The link between myeloid cells and obesity in cancer provides several avenues for therapeutic targeting. One approach is to reduce the recruitment of myeloid cells within the tumor microenvironment, so as to starve tumor cells from MDSCs and M2 macrophages which provide pro-tumor milieu. CCL2 is a chemokine responsible for recruitment of monocytes and macrophages from the bone marrow into the tumor microenvironment. Targeting CCL2 and CCL2 receptors is currently a promising mechanism in breast cancer therapy, and will likely be found to be critical in several other cancers as well [110-112]. Theoretically, CCL2 inhibitors could be used as combination therapy with other chemotherapeutic regimens that influence different aspects of carcinogenesis.
Another area of potential therapeutic targeting is the use of anti-inflammatory agents to reduce the low grade chronic inflammation that leads to the insulin insensitivity and subsequent physiologic response of MDSC and M2 macrophage induction. Some of these anti-inflammatory therapies are already in use for cardiovascular disease prevention in obese individuals. The use of aspirin is currently under trial for use against certain cancers, and is showing some promise [110,113].

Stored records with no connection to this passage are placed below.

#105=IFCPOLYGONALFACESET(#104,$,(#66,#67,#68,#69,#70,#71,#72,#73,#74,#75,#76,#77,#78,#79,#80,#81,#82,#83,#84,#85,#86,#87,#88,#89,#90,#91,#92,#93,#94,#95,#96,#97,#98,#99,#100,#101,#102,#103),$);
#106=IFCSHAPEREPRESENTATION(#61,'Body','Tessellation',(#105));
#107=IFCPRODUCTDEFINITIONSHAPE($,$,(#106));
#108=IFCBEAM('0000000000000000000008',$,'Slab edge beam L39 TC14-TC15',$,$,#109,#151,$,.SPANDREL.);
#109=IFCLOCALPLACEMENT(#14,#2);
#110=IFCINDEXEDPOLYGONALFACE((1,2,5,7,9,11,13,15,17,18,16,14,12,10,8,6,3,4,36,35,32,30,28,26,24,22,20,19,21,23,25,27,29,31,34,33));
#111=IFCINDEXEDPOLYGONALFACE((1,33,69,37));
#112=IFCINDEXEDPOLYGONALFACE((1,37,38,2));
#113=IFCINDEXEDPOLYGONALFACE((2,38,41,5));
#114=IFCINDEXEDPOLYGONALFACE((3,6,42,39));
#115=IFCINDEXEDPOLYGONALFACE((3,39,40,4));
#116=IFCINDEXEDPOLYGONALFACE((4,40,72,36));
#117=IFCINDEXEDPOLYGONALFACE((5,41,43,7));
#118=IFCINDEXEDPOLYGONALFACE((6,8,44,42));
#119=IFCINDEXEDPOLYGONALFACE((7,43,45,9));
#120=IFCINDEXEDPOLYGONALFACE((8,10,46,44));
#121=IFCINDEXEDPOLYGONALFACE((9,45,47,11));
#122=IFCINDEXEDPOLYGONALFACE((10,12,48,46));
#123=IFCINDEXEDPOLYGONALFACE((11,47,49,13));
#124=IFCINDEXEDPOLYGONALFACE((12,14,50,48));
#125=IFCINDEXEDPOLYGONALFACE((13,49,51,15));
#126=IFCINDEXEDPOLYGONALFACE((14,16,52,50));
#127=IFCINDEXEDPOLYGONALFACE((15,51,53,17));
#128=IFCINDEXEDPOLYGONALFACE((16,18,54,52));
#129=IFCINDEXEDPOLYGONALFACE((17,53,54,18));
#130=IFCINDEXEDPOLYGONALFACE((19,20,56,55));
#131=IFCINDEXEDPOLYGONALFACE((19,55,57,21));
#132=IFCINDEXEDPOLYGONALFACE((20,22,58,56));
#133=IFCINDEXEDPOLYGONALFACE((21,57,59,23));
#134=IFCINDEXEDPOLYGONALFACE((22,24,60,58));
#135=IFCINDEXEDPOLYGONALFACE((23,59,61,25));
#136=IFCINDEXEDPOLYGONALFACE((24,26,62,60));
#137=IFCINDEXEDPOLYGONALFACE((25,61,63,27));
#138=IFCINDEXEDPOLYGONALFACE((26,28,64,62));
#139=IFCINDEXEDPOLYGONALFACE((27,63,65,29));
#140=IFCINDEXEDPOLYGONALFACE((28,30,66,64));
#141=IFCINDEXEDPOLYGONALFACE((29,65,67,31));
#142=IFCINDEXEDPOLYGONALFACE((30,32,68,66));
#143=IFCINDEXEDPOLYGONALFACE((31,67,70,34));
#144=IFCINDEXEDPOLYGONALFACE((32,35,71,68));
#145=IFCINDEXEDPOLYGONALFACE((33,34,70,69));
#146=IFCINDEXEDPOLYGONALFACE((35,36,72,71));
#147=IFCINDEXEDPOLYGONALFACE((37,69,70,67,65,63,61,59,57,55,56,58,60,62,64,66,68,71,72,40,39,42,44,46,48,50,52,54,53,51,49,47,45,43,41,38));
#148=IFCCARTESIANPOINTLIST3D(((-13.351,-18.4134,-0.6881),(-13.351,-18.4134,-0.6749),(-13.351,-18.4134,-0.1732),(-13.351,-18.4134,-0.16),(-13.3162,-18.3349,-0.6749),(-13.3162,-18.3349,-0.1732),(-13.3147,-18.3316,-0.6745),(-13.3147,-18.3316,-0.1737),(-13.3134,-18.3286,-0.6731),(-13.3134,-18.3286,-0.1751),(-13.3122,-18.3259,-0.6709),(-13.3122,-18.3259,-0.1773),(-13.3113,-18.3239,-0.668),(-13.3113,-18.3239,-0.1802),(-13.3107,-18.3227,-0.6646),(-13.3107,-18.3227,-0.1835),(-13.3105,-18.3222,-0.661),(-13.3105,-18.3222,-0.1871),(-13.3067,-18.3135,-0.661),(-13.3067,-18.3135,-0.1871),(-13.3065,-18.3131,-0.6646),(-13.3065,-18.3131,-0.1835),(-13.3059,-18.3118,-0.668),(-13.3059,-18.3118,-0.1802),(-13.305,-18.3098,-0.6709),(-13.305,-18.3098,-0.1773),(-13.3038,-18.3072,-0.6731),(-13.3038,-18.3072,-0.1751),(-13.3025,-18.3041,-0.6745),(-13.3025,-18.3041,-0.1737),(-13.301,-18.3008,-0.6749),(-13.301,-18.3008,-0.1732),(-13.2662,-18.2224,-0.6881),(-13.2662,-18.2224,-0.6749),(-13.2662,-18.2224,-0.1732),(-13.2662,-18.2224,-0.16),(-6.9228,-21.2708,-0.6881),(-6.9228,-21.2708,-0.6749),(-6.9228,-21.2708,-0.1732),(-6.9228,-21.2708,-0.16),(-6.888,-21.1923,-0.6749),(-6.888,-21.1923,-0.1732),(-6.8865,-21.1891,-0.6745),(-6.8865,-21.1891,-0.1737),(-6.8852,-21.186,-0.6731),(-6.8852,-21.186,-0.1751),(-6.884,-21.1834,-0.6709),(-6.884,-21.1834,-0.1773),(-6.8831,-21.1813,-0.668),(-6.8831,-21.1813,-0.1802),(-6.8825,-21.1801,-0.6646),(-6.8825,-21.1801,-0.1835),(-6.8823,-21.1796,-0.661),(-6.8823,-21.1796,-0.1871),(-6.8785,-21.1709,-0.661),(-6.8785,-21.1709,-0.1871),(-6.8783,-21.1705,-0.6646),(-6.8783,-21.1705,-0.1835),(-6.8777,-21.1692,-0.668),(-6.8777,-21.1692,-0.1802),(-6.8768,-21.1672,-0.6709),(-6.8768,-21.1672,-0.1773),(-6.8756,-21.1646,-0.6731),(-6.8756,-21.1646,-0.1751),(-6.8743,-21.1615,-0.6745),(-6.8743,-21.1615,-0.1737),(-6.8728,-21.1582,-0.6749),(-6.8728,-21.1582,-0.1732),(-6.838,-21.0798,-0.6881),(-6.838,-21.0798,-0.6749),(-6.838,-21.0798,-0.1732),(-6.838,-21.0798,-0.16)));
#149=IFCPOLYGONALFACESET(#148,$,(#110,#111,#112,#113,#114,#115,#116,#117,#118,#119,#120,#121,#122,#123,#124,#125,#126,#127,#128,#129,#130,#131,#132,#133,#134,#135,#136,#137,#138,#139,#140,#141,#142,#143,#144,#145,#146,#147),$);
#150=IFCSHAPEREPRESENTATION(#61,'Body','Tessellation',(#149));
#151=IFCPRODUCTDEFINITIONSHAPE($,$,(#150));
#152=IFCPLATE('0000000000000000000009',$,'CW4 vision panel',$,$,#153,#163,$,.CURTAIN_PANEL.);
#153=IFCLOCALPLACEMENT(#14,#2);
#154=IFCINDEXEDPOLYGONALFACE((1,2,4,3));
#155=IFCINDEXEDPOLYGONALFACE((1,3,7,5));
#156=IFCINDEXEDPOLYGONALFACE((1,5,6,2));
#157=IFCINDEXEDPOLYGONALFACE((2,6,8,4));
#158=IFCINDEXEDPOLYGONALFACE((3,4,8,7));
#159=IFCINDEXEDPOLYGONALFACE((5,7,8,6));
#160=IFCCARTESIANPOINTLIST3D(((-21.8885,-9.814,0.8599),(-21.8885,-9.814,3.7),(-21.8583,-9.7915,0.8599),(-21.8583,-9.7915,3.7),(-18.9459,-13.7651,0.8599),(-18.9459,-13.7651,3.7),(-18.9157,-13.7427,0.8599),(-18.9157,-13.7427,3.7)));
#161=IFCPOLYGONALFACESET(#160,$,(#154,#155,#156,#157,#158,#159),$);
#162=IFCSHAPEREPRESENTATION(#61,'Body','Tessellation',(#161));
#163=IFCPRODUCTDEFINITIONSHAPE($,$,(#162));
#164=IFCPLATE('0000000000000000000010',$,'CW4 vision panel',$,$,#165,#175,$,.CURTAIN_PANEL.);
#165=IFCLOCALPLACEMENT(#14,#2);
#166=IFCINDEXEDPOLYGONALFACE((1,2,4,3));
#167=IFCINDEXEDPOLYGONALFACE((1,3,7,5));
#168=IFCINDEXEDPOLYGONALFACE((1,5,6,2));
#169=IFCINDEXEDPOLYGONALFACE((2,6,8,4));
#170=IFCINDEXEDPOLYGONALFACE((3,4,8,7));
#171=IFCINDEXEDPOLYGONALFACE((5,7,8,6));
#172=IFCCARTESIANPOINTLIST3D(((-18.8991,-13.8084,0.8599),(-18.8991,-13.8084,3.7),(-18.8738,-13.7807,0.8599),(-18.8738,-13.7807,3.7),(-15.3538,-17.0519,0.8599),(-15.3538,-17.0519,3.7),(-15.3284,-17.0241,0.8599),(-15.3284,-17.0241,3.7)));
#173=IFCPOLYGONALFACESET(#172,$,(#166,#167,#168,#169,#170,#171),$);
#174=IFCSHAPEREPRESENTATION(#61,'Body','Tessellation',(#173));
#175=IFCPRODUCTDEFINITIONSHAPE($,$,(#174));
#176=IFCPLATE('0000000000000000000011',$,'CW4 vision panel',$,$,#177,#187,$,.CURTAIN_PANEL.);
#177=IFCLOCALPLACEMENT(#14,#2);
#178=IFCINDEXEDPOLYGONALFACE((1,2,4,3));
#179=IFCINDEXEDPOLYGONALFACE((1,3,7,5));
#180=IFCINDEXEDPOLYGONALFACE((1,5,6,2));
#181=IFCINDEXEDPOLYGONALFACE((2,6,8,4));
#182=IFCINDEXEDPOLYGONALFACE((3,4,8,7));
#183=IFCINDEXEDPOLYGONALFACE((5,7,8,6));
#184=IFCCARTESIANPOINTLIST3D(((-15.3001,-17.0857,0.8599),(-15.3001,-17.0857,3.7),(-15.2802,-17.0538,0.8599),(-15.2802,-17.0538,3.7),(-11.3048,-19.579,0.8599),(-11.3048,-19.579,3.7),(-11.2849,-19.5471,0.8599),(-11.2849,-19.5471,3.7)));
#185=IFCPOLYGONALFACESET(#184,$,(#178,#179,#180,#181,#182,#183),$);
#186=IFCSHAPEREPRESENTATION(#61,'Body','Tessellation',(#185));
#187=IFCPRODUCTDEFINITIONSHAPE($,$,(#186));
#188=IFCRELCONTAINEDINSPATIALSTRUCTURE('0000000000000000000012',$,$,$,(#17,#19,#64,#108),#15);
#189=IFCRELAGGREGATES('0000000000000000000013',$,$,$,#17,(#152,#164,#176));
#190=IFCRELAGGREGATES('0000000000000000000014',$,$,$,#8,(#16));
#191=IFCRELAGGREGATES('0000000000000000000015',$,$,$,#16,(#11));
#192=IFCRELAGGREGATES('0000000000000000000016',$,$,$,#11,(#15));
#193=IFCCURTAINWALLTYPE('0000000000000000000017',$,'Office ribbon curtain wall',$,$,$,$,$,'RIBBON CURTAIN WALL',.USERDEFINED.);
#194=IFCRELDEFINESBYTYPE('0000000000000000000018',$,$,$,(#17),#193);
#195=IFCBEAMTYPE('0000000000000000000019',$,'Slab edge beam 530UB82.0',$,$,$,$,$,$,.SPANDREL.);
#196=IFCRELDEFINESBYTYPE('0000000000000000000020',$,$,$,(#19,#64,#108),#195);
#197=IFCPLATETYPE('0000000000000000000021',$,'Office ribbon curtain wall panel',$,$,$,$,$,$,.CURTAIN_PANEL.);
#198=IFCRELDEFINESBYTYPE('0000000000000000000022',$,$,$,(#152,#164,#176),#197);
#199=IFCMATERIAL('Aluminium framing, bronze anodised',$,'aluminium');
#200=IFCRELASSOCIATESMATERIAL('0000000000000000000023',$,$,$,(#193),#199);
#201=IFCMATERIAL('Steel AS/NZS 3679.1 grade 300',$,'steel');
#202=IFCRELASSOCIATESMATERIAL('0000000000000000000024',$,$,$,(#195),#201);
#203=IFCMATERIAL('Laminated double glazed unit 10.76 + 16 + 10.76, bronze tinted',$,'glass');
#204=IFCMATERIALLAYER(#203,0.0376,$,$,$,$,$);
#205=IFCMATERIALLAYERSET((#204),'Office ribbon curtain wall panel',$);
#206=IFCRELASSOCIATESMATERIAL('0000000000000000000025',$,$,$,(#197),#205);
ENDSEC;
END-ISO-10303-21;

Finally, mechanisms that lead to signaling in adipose tissue that influence macrophage polarization are another attractive area of anticancer therapeutics. PPAR agonists have already been described above, with the caveat of potential pro-cancer risk because of their capacity to promote M2 macrophage polarization. COX-2 signaling promotes M2 macrophage differentiation, and is currently a target for chemoprevention in colorectal, pancreatic and other malignancies. This effect of COX-2 partly explains the rationale for the potential therapeutic use of aspirin in cancer prevention . Upregulation of fatty acid synthase (FASN) in adipogenesis also links COX-2 pathway to MDSCs induction. FASN is also a new therapeutic target for colon cancers. Indeed, all the factors involved in macrophage polarization (outlined in Figure 3) are worthy of active research, with the hope to identify effective therapeutic advances against cancer. To this end, detailed mechanistic understanding of the role of obesity in MDSC and M2 biology could translate into novel, potentially convergent targets that may be exploited. Beyond pharmacotherapy, the effect of weight loss on macrophages and MDSCs may also merit investigation. Findings from these studies could help encourage weight loss in the general population, and inexpensively improve health outcomes in our society where cancer and cardiovascular disease account for the majority of deaths.